Nixellion commented 1 year ago

Is there an easy was to see if a custom quirk was PRed? I think if quirk was added to connect a device that previously had no quirk at all - it should even be quite easy for Hass to perform a check and inform user, saying something "Hey, you're using a custom quirk for device X but we now support it officially" or something like that.

If a custom quirk was used to fix a bug for a device that already has a quirk - well, probably not much to do here, but maybe there's some elegant solution to this as well.
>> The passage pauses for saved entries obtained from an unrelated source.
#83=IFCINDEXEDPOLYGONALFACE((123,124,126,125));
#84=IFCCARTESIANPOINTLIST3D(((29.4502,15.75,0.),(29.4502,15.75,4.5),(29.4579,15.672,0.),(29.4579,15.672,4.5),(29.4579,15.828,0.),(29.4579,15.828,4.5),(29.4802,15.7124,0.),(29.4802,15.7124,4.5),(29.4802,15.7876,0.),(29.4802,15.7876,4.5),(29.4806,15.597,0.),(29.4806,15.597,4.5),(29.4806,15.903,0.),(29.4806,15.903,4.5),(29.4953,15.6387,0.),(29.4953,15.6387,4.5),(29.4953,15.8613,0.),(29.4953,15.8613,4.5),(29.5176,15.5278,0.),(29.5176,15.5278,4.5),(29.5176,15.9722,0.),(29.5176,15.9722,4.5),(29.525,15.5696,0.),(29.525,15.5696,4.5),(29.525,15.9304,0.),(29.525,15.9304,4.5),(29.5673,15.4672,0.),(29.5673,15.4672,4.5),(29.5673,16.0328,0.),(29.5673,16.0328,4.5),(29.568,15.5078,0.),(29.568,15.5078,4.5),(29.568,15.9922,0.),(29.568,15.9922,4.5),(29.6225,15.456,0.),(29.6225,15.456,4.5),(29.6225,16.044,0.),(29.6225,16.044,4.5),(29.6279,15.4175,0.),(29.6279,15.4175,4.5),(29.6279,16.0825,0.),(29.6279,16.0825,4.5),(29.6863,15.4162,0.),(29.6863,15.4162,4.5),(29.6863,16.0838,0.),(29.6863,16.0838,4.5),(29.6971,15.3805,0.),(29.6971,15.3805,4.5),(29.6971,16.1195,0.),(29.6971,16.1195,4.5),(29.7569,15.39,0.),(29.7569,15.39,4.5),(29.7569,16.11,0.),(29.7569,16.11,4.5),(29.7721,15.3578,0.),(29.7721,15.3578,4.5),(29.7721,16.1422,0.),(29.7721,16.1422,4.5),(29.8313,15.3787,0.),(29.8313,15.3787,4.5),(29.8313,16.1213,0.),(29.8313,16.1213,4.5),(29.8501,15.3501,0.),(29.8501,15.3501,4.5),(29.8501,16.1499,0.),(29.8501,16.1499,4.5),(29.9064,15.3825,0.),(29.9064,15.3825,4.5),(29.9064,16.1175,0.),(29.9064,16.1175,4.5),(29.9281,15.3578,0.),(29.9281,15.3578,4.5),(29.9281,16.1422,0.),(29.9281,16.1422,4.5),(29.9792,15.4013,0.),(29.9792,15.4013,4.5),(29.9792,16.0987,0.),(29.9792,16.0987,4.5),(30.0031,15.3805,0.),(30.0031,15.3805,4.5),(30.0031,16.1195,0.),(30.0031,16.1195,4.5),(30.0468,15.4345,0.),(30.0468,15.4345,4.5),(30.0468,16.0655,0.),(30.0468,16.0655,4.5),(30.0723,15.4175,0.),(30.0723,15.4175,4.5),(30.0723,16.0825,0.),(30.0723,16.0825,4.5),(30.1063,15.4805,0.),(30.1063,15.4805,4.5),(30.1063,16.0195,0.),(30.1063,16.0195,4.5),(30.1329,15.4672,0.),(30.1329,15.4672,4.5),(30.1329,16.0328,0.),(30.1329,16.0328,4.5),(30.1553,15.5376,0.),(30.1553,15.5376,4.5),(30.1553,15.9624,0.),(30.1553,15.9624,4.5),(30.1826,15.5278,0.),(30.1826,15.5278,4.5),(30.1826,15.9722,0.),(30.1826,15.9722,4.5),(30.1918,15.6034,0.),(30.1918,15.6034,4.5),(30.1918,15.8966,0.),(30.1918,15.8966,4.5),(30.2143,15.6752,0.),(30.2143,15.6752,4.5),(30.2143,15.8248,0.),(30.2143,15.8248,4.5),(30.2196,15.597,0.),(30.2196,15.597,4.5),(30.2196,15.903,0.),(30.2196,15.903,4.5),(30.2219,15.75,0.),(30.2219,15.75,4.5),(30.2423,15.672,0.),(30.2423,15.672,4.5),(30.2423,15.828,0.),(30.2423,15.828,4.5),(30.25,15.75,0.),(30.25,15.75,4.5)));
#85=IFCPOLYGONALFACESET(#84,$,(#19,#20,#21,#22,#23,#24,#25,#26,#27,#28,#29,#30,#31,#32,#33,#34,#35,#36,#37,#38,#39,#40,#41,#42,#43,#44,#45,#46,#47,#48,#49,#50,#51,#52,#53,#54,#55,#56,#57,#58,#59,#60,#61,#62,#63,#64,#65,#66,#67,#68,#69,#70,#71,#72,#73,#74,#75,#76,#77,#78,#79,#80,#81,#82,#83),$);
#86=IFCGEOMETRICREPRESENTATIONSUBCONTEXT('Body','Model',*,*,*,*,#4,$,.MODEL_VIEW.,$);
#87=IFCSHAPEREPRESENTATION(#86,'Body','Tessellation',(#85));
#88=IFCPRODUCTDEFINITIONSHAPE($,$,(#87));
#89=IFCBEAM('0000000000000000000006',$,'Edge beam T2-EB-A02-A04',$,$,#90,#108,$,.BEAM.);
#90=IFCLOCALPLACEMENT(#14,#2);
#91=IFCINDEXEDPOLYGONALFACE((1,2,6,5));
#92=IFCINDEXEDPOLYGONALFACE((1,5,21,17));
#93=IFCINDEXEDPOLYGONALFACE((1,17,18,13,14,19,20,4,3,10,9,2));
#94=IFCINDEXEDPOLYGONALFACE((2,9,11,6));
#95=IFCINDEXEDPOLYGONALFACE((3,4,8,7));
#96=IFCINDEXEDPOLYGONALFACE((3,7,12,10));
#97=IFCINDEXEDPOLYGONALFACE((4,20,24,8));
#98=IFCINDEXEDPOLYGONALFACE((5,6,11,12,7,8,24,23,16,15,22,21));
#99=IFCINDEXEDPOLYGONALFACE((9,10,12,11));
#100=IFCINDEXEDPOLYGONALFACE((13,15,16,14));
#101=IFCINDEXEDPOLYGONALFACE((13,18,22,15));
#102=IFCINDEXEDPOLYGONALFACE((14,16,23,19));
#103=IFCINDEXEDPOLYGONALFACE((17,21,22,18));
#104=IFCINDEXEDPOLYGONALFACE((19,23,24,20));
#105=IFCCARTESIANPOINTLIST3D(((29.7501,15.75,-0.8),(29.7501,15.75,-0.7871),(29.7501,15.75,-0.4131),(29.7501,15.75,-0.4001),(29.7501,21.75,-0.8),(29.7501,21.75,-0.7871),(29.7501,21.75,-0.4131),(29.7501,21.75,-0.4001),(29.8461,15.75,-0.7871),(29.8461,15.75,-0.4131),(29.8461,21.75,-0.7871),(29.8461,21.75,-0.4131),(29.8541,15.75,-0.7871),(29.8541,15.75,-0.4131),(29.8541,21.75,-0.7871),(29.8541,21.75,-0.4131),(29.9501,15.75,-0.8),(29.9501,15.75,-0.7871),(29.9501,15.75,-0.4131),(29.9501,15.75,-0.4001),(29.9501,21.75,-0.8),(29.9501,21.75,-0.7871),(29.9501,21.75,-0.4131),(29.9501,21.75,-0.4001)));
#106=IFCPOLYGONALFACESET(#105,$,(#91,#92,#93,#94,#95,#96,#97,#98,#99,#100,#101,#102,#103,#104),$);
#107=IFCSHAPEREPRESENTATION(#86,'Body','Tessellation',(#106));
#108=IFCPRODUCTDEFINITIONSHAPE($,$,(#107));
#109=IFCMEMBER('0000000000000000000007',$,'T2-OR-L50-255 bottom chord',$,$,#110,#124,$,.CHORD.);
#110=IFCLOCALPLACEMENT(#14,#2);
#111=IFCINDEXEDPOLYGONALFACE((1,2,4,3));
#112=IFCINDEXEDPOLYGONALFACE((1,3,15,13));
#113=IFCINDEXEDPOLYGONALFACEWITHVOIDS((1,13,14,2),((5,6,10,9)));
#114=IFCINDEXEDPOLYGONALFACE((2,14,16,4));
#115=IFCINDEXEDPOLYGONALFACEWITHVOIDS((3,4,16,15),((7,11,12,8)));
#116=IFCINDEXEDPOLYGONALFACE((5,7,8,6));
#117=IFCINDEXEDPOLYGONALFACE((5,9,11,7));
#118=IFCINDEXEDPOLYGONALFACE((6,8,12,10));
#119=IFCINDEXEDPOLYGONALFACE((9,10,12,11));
Horley900 commented 1 year ago

Im not sure if this is the right place or what i need tosupply but none of my zha quirks are working as of yesterday, this is my 2 gang switch: Device info TS0012 by _TZ3000_18ejxno0 Connected via Zigbee Coordinator Zigbee info IEEE: a4:c1:38:c4:84:e0:00:9f Nwk: 0xc292 Device Type: EndDevice LQI: Unknown RSSI: Unknown Last Seen: 2023-04-16T14:27:37 Power Source: Battery or Unknown Quirk: zhaquirks.tuya.ts001x.TuyaDoubleNoNeutralSwitch_2

and my three gang switch: TS0013 by _TZ3000_qewo8dlz Connected via Zigbee Coordinator Zigbee info IEEE: a4:c1:38:ba:03:4e:ae:bc Nwk: 0x5d57 Device Type: EndDevice LQI: Unknown RSSI: Unknown Last Seen: 2023-04-16T14:28:21 Power Source: Battery or Unknown Quirk: Tuya_3_gang_switch.TuyaTripleNoNeutralSwitchVar02

what is happening with my switchs is that when activate one button is activated via home assistant all the buttons activate on that switch. previously the quirk had resolved this but out of nowhere its stopped working

javicalle commented 1 year ago

Your 3 gang is a local quirk. Have you tried the fix from this post? Maybe even is not needed nowadays if your device is already in the current version.

The 2 gang don't have a local quirk, so if there is a problem you should open a new issue with all the required info, in example, what is not working.